It was at this point Trump also lashed out at criticism that he hadn’t spoken enough about Floyd’s death. Trump complained that he wasn’t receiving enough credit for mentioning it at the SpaceX launch, telling the call participants that “we just sent out a billion-dollar rocket” but that he still mentioned Floyd at the top of his remarks.

“The whole world was disgraced by it, not just our country,” he told the governors of the manner of Floyd’s death. “Nobody can tell me I haven’t spoken about it.

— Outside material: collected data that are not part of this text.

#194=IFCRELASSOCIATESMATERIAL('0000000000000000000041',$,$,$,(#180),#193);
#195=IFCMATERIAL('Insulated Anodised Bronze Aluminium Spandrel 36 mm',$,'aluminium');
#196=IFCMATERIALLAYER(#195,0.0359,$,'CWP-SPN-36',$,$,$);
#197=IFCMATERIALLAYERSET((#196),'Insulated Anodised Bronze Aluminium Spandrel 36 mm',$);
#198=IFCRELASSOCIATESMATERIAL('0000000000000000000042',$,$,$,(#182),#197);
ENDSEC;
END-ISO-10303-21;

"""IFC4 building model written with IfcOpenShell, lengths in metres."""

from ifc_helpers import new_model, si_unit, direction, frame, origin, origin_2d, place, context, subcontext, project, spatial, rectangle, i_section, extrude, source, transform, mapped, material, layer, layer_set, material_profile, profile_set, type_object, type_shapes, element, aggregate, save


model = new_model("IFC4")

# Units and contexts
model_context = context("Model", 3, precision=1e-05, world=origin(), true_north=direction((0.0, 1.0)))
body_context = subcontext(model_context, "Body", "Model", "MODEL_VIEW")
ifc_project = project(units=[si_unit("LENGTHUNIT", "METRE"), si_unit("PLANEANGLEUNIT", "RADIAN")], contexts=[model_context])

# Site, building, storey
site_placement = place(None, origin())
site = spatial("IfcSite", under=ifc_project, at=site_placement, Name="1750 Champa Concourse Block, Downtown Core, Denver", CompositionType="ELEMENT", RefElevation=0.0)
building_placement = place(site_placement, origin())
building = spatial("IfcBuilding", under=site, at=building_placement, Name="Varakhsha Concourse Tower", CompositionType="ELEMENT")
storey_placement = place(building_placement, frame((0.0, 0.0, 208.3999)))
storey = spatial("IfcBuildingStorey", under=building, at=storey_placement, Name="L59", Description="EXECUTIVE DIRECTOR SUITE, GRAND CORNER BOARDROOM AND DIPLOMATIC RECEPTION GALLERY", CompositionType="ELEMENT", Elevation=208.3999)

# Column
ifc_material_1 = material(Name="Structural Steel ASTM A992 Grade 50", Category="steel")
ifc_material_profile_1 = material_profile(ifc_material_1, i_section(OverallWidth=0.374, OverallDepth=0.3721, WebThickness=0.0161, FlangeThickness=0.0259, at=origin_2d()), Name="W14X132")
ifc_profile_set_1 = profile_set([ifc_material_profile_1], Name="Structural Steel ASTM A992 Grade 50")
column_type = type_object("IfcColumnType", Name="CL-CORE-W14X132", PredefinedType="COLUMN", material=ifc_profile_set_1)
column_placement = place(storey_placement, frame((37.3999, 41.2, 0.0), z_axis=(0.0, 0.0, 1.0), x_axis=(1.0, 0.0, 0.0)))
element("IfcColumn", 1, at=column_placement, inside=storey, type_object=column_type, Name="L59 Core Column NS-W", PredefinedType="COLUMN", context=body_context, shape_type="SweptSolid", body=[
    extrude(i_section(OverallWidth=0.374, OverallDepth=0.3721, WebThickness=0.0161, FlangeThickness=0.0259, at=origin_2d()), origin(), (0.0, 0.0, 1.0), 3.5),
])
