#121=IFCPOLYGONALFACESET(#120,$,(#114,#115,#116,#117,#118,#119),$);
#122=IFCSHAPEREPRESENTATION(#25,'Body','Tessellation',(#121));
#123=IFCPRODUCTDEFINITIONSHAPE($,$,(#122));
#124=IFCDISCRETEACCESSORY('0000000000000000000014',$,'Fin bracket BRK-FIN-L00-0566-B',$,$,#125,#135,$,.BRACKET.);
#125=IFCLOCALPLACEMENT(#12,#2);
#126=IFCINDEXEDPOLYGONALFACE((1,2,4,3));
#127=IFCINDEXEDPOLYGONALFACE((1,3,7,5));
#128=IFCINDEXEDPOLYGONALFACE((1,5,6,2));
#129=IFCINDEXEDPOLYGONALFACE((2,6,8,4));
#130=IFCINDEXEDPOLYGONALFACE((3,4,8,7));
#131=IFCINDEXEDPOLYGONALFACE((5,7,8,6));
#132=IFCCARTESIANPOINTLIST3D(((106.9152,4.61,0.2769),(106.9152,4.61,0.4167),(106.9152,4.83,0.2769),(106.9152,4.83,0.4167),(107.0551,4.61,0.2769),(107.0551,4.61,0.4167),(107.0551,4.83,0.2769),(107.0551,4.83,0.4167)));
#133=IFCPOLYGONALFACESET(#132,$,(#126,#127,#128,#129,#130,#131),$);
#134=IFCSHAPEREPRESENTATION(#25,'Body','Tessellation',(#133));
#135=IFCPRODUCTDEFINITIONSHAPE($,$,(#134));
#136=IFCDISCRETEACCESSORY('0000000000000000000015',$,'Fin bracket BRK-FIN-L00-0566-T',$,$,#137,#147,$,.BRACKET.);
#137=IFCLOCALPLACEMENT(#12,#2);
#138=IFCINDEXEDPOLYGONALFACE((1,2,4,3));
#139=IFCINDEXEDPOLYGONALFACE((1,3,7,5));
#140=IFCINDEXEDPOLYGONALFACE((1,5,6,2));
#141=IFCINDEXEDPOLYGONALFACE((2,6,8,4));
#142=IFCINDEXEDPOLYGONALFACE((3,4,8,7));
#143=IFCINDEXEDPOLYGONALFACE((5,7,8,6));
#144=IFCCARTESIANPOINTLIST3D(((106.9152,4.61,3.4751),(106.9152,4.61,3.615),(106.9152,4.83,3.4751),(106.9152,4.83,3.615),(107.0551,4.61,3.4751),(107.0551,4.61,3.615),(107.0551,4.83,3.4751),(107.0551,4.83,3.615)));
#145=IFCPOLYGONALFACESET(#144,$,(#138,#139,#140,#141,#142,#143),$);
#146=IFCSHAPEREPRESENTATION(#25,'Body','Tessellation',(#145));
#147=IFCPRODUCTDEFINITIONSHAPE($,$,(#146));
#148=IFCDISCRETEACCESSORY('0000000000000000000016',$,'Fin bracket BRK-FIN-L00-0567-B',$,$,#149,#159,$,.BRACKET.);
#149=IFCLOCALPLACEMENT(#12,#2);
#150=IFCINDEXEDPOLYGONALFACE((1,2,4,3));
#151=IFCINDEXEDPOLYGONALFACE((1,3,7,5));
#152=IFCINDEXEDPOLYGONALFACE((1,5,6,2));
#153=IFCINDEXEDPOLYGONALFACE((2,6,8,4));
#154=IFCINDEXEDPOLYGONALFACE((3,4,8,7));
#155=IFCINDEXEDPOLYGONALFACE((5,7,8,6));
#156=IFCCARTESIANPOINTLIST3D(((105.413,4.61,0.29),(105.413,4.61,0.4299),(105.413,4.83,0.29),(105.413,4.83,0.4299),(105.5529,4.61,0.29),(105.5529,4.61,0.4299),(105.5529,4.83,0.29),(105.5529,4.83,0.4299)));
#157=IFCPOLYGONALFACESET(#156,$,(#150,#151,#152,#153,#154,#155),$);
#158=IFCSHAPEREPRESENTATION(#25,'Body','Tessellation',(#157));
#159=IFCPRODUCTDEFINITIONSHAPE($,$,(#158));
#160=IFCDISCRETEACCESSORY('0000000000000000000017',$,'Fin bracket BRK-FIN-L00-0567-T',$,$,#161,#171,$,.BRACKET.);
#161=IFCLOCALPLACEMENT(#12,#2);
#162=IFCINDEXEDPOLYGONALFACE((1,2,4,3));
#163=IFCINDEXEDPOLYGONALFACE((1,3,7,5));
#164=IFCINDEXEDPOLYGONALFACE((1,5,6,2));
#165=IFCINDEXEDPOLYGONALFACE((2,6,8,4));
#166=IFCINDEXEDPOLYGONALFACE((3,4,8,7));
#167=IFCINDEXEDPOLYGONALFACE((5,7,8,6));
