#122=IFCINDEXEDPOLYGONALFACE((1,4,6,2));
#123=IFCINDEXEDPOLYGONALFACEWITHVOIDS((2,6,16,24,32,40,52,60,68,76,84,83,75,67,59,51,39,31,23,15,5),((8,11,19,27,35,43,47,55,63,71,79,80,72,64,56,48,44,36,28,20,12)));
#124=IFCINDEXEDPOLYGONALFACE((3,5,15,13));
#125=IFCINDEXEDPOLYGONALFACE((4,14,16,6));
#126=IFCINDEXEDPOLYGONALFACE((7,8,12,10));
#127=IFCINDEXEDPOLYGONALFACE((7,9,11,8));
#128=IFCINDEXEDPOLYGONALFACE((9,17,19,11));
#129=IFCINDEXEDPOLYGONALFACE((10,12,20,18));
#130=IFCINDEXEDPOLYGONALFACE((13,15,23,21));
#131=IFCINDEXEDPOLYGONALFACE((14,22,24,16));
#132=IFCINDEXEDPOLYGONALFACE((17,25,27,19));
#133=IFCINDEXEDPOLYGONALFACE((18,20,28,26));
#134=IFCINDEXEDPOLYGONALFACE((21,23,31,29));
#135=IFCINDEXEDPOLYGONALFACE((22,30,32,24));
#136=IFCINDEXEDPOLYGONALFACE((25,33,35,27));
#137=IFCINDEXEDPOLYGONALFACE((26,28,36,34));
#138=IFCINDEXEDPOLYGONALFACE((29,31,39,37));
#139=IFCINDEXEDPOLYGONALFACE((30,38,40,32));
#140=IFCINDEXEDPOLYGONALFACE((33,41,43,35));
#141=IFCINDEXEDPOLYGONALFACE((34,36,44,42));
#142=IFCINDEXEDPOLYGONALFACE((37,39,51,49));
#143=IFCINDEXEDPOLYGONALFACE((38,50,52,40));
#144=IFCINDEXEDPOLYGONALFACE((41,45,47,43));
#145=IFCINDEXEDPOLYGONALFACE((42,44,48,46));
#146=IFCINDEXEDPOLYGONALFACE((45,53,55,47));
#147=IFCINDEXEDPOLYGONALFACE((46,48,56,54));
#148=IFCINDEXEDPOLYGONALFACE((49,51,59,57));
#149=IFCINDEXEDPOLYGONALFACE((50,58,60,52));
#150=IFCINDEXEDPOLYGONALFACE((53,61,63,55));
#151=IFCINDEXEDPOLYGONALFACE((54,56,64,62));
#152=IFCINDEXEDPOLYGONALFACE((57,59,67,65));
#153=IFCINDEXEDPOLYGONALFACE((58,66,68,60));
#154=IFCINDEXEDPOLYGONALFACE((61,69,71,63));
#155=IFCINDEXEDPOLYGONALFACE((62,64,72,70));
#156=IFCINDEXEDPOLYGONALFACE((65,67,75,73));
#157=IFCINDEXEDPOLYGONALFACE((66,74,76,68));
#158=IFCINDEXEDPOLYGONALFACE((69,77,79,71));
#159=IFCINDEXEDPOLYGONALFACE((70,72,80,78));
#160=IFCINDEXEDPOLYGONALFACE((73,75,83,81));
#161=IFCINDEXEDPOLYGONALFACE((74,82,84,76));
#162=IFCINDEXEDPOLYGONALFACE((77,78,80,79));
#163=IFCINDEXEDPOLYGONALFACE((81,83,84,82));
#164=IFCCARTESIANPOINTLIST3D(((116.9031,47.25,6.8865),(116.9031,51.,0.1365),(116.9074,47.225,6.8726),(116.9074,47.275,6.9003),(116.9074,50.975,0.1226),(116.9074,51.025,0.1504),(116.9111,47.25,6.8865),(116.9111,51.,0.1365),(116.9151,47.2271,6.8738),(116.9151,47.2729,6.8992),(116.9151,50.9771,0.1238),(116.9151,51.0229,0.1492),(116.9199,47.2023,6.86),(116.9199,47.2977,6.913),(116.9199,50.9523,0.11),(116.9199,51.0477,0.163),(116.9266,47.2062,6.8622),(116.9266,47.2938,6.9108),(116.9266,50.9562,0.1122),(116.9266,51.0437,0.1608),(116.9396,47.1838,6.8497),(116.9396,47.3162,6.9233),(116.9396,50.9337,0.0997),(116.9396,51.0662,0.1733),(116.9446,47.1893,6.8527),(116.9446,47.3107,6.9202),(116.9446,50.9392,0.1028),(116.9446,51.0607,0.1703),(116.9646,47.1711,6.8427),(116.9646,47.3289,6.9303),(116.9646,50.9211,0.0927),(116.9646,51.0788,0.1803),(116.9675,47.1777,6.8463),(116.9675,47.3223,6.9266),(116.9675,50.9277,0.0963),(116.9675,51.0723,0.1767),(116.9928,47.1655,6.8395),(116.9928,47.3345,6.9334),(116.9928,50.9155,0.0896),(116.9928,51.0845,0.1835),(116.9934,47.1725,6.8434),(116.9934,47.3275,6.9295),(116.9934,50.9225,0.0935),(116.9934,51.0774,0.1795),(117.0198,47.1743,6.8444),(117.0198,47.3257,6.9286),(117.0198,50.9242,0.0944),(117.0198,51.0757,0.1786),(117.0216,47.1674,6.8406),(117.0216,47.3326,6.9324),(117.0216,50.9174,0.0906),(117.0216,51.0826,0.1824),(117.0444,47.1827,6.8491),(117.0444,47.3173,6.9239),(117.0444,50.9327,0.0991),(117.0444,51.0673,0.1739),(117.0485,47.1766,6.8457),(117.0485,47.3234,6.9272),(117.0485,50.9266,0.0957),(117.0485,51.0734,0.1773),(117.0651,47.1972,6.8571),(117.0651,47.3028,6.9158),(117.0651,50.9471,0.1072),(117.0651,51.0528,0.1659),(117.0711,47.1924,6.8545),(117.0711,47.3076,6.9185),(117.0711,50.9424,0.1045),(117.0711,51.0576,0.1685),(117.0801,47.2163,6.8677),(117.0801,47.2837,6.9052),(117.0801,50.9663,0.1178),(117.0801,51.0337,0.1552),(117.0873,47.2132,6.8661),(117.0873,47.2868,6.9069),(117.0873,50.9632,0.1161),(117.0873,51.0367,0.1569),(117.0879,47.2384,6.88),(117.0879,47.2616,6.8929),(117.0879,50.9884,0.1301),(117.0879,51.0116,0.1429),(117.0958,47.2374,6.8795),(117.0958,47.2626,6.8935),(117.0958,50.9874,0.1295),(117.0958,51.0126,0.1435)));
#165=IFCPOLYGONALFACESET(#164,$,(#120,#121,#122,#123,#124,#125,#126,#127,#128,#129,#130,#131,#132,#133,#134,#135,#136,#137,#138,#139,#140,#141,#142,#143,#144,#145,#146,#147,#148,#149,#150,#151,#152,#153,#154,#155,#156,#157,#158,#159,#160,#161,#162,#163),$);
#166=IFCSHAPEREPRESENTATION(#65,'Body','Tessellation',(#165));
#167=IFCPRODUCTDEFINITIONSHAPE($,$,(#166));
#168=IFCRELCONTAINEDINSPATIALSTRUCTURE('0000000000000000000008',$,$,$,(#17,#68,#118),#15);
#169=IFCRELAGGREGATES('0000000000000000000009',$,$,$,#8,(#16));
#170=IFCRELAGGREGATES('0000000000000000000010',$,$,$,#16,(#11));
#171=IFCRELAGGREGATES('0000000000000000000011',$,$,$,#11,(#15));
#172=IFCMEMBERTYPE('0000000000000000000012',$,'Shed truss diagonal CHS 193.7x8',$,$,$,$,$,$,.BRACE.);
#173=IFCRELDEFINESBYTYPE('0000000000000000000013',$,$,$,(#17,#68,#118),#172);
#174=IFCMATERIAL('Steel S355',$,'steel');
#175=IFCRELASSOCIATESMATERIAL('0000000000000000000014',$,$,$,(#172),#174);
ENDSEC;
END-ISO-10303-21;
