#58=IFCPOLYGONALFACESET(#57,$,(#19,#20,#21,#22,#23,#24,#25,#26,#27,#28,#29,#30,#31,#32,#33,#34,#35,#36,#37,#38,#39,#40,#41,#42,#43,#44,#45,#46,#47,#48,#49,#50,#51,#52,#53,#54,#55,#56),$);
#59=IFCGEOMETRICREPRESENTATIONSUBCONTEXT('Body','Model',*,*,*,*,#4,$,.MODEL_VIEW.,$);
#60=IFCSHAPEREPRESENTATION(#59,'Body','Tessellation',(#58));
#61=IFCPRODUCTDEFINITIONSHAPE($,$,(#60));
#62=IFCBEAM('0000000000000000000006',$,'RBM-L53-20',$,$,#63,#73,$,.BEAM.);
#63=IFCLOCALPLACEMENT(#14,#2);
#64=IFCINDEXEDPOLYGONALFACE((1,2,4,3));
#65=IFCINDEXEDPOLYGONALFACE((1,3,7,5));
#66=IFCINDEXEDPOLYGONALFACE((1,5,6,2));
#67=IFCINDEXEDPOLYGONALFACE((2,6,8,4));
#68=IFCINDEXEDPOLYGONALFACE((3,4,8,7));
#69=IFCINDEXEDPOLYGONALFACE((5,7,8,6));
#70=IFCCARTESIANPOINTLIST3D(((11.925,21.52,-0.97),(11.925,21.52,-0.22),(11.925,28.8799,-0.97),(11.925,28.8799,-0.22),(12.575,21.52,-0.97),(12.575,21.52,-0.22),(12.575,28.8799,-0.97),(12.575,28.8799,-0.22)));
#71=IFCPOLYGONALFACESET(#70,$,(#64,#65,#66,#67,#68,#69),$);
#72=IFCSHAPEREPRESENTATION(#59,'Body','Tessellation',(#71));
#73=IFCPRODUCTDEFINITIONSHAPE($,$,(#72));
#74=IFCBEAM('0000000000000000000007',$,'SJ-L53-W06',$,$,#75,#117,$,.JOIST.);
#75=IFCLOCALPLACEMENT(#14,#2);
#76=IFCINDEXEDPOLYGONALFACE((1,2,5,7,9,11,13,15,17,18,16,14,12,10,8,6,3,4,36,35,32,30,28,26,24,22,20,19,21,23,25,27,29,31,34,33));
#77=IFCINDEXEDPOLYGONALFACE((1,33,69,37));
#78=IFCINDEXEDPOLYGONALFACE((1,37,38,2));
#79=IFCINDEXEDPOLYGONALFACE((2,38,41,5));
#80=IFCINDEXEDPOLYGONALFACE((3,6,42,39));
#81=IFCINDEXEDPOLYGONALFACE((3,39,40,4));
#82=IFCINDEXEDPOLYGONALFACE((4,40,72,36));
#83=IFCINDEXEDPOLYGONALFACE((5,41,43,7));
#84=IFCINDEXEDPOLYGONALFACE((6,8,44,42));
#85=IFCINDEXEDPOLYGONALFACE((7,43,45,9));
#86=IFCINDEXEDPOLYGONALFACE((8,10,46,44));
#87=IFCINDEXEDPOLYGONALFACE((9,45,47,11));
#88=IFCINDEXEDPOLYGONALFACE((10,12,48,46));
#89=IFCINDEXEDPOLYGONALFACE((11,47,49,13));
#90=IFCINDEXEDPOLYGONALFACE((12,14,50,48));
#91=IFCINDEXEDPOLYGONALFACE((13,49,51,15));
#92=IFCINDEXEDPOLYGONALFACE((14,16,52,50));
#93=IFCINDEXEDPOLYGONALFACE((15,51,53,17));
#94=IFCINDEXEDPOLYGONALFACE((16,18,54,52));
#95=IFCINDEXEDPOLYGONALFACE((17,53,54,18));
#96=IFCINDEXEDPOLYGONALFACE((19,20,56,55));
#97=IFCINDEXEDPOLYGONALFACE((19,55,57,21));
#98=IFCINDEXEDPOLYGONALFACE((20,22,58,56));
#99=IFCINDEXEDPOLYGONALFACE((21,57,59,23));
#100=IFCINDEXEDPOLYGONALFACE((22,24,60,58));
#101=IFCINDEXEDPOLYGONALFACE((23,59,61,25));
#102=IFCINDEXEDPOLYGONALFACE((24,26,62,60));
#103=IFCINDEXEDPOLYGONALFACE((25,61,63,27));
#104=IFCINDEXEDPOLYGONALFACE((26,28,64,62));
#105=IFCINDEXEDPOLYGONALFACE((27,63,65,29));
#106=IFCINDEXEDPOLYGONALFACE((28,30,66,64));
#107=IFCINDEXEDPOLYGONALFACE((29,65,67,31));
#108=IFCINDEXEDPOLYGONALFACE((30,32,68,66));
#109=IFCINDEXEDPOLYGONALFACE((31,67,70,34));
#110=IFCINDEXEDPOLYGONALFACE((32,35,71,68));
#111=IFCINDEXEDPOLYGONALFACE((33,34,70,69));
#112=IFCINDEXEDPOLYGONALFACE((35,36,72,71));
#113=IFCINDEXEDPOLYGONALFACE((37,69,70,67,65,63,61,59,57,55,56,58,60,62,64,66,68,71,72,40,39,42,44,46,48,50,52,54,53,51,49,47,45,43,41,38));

I’ve spoken about it at great length. … But I also have to speak about law and order.”

The president ended the call by instructing governors again to utilize the National Guard to clamp down on the protests, telling them that “you’re much better off” with too many defense assets than too few, and “too few is unacceptable.”

“So go out and get ‘em, good luck tonight,” he finished.

The Justice Department did not respond to questions about the involvement of Barr, who was captured by news cameras standing in the park with police just before they began to clear protesters out of the area, in that decision. But a department spokesperson, Kerri Kupec, said Barr was leading Monday night’s efforts in the District, after Trump called the handling of Sunday night's protests a “disgrace.“

But the move by law enforcement officers to deploy tear gas and fire rubber bullets to enable the president’s photo op immediately sparked outrage.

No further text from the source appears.